Today, though, Poretsky works in the Twin Cities region as regional manager in the Bloomington, Minn.-based office of Marcus & Millichap Real Estate Investment Services. These days he sees the benefits of a conservative approach to development.

“We have a strong economy here in Minneapolis, all things considered,” Poretsky said. “And we’ve had a responsible decrease in development during these slower times. That combination has left us with low vacancy rates in most market sectors.”

This includes the retail market, the one market that has been hit the hardest in most major cities across the United States.

But in the Twin Cities area, vacancy rates in the retail sector are actually going down.

“We’re seeing more jobs being created here, and we haven’t had a lot of retail come online in recent years,” Poretsky said. “That’s resulted in low retail vacancy rates.”

Another trend has helped keep store vacancies low: Consumers in Minneapolis-St. Paul prefer smaller homes close to job centers these days. And this has helped boost at least a modest recovery in the retail sector in the Twin Cities’ inner-ring suburbs and core areas, according to a recent report from Marcus & Millichap.

In its second quarter market report, Marcus & Millichap points to the recent move of US Bancorp, which moved 1,600 workers from St. Paul to the Meridian Crossing office complex in Richfield, Minn. The move, Marcus & Millichap wrote, highlights what appears to be a new trend in the Twin Cities: Both large companies and a growing number of residents are moving back into the core area of the Twin Cities.

This means good news for the retail market in the Twin Cities. According to Marcus & Millichap, vacancy rates in this sector should drop 30 basis points to 8.9 percent throughout 2011. The vacancy rate in this sector fell 30 basis points last year, too.

And with good news in the vacancy arena comes good news regarding rents.

According to Marcus & Millichap, rents should increase slightly in the retail sector in 2011, too. According to the second quarter report, Twin Cities retail operators will raise asking rents 0.2 percent to $17.20 a square foot throughout the rest of the year. Effective rents will rise, too, 0.8 percent to $14.77 a square foot. Concessions are expected to slip to 14.1 percent of asking rents.

Little of this came as a surprise to Poretsky.

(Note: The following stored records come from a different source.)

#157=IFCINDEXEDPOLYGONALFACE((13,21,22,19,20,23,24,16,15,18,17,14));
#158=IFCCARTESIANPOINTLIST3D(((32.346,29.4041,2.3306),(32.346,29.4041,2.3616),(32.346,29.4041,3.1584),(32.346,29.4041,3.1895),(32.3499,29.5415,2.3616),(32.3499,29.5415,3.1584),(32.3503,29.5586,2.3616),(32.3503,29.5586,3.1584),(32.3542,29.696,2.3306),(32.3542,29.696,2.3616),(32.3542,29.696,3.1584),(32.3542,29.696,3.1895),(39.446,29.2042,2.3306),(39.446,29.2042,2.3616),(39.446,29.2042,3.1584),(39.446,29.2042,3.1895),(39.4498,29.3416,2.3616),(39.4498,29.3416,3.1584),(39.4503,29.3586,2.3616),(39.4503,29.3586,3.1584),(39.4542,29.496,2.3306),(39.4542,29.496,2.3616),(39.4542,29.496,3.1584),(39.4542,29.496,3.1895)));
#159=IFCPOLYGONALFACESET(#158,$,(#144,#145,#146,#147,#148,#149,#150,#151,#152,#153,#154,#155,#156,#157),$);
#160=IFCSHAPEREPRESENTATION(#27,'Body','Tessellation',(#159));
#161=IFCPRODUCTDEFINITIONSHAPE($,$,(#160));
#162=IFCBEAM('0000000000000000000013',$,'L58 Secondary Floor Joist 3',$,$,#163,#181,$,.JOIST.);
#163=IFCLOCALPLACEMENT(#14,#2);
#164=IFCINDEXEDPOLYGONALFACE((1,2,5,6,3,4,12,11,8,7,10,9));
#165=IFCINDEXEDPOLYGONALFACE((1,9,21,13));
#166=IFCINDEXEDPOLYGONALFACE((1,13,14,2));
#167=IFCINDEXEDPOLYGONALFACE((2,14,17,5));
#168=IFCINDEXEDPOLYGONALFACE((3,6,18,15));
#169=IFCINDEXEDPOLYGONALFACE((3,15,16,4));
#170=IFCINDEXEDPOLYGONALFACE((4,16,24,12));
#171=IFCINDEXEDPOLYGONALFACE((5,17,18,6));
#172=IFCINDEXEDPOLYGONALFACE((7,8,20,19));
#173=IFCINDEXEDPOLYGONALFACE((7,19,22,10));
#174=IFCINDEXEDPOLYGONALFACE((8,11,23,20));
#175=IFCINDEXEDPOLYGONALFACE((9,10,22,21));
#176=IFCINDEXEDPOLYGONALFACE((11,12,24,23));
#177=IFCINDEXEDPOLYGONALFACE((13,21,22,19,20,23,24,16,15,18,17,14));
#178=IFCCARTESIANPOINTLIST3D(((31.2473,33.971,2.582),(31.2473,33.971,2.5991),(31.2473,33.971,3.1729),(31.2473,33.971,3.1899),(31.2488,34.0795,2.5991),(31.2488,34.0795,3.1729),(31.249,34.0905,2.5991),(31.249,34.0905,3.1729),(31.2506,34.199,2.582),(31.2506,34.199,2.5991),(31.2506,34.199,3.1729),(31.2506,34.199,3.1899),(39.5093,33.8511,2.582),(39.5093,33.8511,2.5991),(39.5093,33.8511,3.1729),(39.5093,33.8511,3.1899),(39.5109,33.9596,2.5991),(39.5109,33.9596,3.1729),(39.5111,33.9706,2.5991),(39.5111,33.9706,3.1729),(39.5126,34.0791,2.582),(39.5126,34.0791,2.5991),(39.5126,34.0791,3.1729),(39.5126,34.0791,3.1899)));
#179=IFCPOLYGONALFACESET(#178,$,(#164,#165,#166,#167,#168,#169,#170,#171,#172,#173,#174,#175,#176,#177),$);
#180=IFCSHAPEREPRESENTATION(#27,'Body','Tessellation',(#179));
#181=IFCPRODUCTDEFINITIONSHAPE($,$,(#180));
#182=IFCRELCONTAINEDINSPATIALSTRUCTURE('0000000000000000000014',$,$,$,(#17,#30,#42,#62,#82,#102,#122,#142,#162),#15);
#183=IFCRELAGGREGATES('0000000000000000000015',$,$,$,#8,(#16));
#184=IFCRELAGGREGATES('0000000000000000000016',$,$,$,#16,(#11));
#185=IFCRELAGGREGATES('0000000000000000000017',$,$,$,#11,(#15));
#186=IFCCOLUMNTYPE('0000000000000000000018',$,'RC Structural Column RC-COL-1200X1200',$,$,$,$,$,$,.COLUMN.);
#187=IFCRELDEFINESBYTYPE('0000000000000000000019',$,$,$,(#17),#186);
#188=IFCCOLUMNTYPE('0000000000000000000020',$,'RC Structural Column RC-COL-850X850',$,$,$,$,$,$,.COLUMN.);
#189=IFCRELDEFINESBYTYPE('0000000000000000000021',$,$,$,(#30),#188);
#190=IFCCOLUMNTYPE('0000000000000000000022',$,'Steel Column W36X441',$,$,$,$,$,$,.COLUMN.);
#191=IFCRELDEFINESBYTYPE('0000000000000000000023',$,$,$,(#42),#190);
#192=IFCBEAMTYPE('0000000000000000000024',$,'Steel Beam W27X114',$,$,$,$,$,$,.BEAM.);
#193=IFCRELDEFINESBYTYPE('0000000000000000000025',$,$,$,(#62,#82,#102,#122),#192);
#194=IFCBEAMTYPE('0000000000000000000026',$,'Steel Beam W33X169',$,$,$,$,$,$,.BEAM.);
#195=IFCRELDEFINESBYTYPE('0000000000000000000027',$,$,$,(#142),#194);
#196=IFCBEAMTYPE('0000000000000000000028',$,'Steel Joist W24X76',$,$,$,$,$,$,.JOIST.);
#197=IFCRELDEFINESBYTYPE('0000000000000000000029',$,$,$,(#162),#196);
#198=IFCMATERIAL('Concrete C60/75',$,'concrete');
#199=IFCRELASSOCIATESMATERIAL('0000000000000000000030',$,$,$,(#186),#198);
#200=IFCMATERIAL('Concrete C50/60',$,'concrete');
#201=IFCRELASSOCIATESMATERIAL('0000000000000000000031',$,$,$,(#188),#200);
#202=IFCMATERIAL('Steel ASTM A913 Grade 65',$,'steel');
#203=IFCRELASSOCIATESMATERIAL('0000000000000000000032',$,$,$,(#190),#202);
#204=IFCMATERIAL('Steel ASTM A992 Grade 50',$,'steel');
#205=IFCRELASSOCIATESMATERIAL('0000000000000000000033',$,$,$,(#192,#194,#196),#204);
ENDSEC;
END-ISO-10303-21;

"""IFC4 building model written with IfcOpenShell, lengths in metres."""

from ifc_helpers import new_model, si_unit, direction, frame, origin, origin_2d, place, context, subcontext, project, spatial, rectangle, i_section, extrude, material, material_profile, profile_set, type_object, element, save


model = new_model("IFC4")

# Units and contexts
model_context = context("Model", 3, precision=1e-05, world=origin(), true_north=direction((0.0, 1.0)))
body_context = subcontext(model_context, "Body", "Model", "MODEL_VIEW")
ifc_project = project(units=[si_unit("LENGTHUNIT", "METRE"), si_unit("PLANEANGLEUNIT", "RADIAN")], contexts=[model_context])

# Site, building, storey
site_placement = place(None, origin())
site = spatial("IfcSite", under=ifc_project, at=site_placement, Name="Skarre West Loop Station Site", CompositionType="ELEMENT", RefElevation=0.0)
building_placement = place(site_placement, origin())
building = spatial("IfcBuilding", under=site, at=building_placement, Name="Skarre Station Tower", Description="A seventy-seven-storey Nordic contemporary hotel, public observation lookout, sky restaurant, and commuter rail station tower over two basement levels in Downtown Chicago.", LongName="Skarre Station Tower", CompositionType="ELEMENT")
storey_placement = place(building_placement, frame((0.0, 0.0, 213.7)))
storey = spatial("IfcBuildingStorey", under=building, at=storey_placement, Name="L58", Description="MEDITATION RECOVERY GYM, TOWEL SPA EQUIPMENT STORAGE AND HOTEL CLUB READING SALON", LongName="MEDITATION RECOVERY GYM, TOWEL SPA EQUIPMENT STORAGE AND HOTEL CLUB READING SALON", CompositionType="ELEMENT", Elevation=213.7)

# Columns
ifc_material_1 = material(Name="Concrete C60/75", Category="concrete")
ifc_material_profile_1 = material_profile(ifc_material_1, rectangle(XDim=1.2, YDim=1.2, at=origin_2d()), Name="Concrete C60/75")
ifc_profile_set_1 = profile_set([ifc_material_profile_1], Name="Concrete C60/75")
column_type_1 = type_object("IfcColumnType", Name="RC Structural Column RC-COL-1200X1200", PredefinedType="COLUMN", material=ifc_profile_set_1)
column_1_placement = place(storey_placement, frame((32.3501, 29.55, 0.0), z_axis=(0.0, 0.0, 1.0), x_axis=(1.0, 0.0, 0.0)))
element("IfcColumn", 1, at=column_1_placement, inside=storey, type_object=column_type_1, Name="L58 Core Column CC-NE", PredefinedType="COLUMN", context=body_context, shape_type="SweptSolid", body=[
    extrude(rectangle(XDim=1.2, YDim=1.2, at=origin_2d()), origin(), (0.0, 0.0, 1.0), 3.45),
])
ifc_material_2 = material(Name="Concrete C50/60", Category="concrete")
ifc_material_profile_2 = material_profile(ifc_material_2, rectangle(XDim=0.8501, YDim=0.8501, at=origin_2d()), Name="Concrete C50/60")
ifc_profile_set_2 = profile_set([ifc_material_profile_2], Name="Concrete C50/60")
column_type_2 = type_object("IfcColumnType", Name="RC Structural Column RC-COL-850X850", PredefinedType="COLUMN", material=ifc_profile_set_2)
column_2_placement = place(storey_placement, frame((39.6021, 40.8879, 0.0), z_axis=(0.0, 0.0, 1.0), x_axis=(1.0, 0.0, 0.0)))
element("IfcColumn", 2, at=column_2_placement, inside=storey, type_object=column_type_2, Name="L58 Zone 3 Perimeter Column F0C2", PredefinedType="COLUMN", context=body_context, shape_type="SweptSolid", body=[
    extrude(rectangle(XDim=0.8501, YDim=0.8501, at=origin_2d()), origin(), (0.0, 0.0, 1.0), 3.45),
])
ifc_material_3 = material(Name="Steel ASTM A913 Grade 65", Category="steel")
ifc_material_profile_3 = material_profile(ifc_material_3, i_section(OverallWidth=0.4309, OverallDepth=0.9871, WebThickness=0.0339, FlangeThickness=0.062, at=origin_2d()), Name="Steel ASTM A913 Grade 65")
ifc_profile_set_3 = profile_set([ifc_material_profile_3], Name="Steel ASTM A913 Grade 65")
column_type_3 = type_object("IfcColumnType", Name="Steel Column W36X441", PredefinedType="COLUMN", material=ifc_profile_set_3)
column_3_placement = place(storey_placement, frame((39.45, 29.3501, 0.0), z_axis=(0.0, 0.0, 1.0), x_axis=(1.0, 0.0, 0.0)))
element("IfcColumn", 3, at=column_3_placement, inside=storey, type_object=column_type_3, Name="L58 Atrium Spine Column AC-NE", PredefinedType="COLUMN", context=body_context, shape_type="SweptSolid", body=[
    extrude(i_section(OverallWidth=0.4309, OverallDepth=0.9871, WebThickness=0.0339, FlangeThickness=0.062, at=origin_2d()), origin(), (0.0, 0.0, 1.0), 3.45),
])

“As the economy begins to recover, and we still keep completions down, we should fill up vacant space in all of our markets,” he said.

Poretsky could only point to one market – multi-family – that has seen relatively high construction in the Twin Cities since the economy began its slump. But even this sector isn’t being overbuilt, he said.

“If you look at the number of units that we are going to build relative to the population growth in the metro area and the job creation in the area, you’ll see that relative to projected demand, our multi-family construction is actually fairly light,” Poretsky said.